It is well known that:

  • a function f is said to be completely monotonic [6, 21] on an interval I if f has derivatives of all orders on I and

    $$ (-1)^{n}f^{(n)}(x)\geq0 $$
    (1)

    for \(x\in I\), \(n\geq0\), \(n\in N\) (due to \(0\in N\)).

  • the Euler gamma function [14,15,16, 20, 22, 23] is defined by

    $$ \varGamma(x)= \int_{0}^{\infty}t^{x-1}e^{-t} \,dt $$
    (2)

    for \(x>0\);

  • the digamma function [11,12,13, 24] is defined by

    $$ \psi(x)=\frac{\varGamma'(x)}{\varGamma(x)}=-\gamma-\frac {1}{x}+\sum _{n=1}^{\infty}\frac{x}{n(n+x)}, $$
    (3)

    where γ is the Euler–Mascheroni constant [5].

Recently, Díaz and Pariguan [4] defined the generalized gamma function

$$ \varGamma_{k}(x)=\lim_{n\rightarrow\infty}\frac {n!k^{n}(nk)^{\frac{x}{k}-1}}{x(x+k)\cdots (x+(n-1)k)} $$
(4)

for \(k>0\) and \(x\in C\setminus kZ^{-}\) and the generalized digamma function

$$ \psi_{k}(x)=\frac{\varGamma_{k}'(x)}{\varGamma _{k}(x)}=\frac{\ln(k)-\gamma}{k}-\frac{1}{x}+\sum _{n=1}^{\infty }\frac{x}{nk(nk+x)}. $$
(5)

Very recently, Nantomah, Prempeh, and Twum [8] introduced a new definition of the \((p,k)\)-gamma function

$$ \varGamma_{pk}(x)=\frac{(p+1)!k^{p+1}(pk)^{\frac {x}{k}-1}}{x(x+k)\cdots (x+pk)} $$
(6)

for \(k>0\) and \(x>0\), \(p\geq0\), \(p\in N\), and the \((p,k)\)-digamma function

$$ \psi_{pk}(x)=\frac{\varGamma_{pk}'(x)}{\varGamma _{pk}(x)}=\frac{\ln(pk)}{k}-\sum _{n=0}^{p}\frac{1}{nk+x} $$
(7)

for \(k>0\) and \(x>0\), \(p\geq0\), \(p\in N\).

We note that

$$\begin{aligned}& \lim_{k\rightarrow1}\psi_{k}(x) = \psi(x),\qquad \lim _{k\rightarrow 1}\varGamma_{k}(x)=\varGamma(x), \\& \lim_{p\rightarrow\infty}\varGamma_{pk}(x) = \varGamma_{k}(x), \qquad \lim_{p\rightarrow\infty}\psi_{pk}(x)=\psi_{k}(x). \end{aligned}$$

Li Yin, Li-Guo Huang, Zhi-Min Song, and Xiang Kai Dou [19] posed the following conjecture.

Conjecture 1

([19])

For \(p>0\) and \(k\geq1\), the function

$$ \phi_{pk}(x)=\psi_{pk}(x)+\ln\bigl(e^{\frac{1}{x}-\frac {1}{x+pk+k}}-1\bigr) $$

is strictly decreasing from \((0,\infty)\) onto \((-\infty,\phi_{pk}(k))\).
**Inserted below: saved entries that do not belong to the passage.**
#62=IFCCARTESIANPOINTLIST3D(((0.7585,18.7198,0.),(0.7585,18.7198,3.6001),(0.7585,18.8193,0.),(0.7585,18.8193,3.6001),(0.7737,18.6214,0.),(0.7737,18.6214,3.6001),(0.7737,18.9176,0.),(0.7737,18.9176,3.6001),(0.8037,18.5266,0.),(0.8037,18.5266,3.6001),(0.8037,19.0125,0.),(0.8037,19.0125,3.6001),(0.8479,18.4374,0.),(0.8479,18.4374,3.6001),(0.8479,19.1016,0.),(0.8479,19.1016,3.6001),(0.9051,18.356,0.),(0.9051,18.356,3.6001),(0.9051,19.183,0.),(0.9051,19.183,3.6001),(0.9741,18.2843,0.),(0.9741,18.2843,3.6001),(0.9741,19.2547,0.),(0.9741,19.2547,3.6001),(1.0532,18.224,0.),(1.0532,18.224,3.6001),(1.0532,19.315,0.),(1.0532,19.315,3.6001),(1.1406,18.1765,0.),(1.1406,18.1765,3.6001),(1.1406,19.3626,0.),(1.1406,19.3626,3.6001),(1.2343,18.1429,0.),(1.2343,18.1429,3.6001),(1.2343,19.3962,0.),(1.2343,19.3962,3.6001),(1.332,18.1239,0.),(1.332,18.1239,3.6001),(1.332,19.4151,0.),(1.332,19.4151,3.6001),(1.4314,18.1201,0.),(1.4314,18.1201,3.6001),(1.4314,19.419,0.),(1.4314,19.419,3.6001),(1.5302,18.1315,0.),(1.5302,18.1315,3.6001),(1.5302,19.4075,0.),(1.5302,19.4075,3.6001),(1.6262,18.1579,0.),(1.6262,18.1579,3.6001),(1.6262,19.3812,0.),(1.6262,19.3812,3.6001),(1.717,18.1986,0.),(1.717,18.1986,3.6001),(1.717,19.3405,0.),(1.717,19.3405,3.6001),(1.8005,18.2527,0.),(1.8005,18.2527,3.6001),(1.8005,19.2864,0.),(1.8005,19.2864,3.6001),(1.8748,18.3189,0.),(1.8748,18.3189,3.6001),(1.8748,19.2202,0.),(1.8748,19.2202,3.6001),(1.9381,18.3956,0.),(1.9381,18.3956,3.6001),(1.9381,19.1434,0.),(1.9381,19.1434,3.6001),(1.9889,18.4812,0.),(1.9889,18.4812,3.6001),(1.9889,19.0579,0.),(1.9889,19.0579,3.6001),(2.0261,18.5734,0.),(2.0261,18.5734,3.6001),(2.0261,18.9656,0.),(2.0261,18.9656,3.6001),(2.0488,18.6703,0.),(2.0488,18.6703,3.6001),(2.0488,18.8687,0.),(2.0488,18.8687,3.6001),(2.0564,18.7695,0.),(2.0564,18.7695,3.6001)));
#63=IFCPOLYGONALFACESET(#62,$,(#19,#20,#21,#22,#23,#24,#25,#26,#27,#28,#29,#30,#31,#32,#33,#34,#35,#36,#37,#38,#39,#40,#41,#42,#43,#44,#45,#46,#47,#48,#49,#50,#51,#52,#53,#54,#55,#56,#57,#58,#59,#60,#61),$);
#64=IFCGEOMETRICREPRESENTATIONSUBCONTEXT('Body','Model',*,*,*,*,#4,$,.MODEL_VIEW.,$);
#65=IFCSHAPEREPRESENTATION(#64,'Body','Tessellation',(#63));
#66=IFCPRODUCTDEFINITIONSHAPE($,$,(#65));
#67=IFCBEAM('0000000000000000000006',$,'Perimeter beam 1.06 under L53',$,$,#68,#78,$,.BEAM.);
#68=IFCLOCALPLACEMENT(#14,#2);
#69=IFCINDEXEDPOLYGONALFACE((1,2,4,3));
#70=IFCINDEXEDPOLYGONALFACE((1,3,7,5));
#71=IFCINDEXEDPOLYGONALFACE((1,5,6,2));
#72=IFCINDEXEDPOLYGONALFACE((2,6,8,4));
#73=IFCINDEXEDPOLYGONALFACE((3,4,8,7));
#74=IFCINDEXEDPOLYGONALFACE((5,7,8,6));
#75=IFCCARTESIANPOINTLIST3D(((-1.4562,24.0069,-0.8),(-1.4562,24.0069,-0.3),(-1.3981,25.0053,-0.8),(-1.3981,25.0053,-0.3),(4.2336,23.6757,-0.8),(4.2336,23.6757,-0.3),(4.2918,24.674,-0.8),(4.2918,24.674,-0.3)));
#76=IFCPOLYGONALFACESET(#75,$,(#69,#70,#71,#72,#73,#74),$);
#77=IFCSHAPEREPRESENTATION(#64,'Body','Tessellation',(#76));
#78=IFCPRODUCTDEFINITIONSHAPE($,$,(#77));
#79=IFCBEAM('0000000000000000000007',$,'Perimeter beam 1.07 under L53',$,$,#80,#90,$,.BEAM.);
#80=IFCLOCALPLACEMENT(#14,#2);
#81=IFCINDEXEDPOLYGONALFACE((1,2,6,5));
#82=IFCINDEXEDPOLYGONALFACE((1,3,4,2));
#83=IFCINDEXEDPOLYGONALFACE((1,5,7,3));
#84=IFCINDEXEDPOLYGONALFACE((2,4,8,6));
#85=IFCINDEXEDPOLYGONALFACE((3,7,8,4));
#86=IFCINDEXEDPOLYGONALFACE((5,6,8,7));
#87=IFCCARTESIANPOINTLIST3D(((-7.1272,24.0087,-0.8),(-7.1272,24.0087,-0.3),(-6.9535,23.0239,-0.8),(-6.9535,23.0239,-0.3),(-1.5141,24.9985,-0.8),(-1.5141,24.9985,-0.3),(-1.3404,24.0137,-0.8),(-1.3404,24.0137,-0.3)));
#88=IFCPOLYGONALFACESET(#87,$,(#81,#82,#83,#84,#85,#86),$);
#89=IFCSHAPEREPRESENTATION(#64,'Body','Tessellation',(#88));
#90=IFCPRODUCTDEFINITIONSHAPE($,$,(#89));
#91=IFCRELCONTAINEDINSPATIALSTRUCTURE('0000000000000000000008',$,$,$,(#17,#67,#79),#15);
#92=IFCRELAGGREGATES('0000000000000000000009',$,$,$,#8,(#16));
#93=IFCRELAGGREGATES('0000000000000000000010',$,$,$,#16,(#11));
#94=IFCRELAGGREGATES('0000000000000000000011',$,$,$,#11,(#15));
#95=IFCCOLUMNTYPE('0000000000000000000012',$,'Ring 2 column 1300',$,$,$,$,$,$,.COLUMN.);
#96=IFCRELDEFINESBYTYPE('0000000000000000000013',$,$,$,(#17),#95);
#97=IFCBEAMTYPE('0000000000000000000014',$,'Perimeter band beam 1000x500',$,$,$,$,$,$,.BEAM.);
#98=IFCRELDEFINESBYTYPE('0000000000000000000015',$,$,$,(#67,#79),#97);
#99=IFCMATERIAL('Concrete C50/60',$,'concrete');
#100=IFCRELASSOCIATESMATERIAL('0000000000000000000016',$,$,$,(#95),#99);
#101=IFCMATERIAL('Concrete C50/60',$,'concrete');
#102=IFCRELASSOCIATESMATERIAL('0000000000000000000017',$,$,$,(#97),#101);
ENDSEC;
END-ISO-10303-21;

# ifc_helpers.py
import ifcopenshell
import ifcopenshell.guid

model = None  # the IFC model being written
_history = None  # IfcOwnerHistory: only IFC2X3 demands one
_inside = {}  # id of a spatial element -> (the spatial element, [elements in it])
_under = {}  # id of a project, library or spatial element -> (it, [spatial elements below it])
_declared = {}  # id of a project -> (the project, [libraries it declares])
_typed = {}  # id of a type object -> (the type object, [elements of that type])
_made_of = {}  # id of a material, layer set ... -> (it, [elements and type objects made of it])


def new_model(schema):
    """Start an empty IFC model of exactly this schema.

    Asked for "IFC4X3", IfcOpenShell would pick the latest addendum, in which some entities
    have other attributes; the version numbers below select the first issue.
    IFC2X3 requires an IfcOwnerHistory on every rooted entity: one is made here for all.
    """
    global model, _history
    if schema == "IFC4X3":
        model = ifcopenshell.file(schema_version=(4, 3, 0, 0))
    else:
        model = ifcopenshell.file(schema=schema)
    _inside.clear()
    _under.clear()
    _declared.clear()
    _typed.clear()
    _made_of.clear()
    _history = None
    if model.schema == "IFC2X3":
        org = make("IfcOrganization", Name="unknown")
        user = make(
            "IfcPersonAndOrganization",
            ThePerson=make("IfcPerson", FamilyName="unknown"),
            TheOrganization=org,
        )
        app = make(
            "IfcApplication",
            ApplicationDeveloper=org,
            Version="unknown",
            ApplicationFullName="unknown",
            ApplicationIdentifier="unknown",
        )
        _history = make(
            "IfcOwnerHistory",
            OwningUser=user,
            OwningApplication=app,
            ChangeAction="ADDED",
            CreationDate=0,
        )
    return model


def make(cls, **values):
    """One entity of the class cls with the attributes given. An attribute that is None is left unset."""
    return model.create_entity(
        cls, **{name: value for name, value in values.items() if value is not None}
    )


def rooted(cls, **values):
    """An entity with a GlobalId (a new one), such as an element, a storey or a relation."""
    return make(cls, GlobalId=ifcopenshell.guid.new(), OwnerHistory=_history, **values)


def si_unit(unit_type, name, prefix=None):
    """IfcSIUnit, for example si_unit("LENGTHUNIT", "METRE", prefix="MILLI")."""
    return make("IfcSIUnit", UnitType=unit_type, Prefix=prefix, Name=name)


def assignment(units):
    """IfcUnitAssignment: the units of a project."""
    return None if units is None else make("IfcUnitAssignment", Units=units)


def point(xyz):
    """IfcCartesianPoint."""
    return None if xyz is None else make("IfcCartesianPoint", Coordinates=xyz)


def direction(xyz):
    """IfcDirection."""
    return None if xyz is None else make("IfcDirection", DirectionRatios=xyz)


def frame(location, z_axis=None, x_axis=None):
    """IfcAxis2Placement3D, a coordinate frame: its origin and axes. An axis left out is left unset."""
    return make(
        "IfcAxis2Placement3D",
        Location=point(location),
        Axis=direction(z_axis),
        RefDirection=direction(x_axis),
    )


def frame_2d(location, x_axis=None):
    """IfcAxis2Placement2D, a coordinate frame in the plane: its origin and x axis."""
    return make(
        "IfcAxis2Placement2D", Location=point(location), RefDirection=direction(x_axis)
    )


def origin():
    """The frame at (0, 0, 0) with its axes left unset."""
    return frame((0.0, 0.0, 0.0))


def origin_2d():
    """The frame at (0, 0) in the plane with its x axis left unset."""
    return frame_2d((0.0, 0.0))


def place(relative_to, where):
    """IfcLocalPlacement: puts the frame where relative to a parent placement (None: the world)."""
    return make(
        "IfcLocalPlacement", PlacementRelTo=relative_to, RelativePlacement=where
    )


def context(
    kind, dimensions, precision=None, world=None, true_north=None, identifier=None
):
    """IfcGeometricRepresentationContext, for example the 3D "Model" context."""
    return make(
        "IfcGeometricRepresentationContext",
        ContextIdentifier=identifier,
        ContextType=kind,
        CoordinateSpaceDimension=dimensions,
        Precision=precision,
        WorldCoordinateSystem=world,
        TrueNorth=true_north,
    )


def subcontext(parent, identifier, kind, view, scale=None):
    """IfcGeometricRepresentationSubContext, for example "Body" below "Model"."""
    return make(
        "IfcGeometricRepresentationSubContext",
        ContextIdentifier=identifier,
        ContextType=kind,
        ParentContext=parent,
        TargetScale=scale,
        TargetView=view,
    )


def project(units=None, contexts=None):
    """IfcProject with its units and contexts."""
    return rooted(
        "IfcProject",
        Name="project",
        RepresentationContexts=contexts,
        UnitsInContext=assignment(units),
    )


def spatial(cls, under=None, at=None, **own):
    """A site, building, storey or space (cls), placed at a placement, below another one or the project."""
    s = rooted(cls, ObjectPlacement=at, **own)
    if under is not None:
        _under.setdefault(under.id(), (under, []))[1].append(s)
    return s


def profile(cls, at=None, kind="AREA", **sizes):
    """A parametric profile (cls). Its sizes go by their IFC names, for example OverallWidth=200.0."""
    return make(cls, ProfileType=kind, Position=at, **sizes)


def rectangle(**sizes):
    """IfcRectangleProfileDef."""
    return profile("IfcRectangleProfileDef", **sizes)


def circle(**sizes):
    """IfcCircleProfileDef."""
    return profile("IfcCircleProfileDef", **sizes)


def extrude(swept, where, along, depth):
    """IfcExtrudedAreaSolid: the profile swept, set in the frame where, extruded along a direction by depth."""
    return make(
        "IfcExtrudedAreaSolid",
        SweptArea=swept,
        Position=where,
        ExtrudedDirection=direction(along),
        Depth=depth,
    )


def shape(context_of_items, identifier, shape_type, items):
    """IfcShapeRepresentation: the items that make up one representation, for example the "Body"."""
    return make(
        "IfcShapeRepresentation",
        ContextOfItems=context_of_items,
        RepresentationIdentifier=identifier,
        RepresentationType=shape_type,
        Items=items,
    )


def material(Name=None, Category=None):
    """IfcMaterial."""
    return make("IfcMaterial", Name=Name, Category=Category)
Li Yin [17] posed the following open problem.

Open Problem 1

([17])

If the function

$$ \delta_{pk\alpha}(x)=x^{\alpha} \biggl[\frac {1}{k}\ln \frac{pkx}{x+k(p+1)}-\psi_{pk}(x) \biggr] $$

is completely monotonic on \((0,\infty)\), then is it true that \(\alpha \leq1\)?

Yuming Chu, Xiaoming Zhang, and Xiaoming Tang [3] posed the following conjecture.

Conjecture 2

For \(b > a > 0\), we have

$$ \bigl(b-L(a, b)\bigr)\psi(b)+\bigl(L(a, b)-a\bigr)\psi(a)>(b-a)\psi (\sqrt{ba}), $$

where \(L(a, b)=(b-a)/(\ln(b)-\ln(a))\).

The goal of the paper is to solve Conjecture 1, Conjecture 2, and Open Problem 1.

2 Methods

In this paper, we use methods of mathematical and numerical analysis. We also use the software MATLAB for some computing.

3 Results and discussion

In this section, we disprove Conjecture 1 (see [19]) and Conjecture 2 (see [3]) and prove one new inequality (Theorem 1) and Open Problem 1 (see [17]).

3.1 Disproving Conjecture 1

It is evident that \(\phi_{pk}(x)\) is strictly decreasing only if \(e^{\phi_{pk}(x)}\) is strictly decreasing. We have

$$ e^{\phi_{pk}(x)}(x)=v_{pk}(x)=e^{\psi _{pk}(x+k)}-e^{\psi_{pk}(x)}. $$

Using Matlab, we obtain Table 1.

Table 1 Values of p, k, \(x_{1}\), \(x_{2}\), \(v_{pk}(x_{1})\), \(v_{pk}(x_{2})\)
Full size table

The table shows that \(v_{pk}(x_{1})< v_{pk}(x_{2})\) for \(0< x_{1}< x_{2}\), \(p=100\text{,}000\), \(p=100\text{,}010\), \(k=1.1\), \(k=1.6\), \(k=2.1\). So \(\phi_{pk}(x)\) is not strictly decreasing on \((0,\infty)\) for \(p>0\) and \(k>1\).

Remark 1

We note that Conjecture 1 (see [19]) is false since \(\lim_{x\rightarrow0^{+}}v'_{pk}(x)>0\) for \(p\geq1\) and \(k>0\).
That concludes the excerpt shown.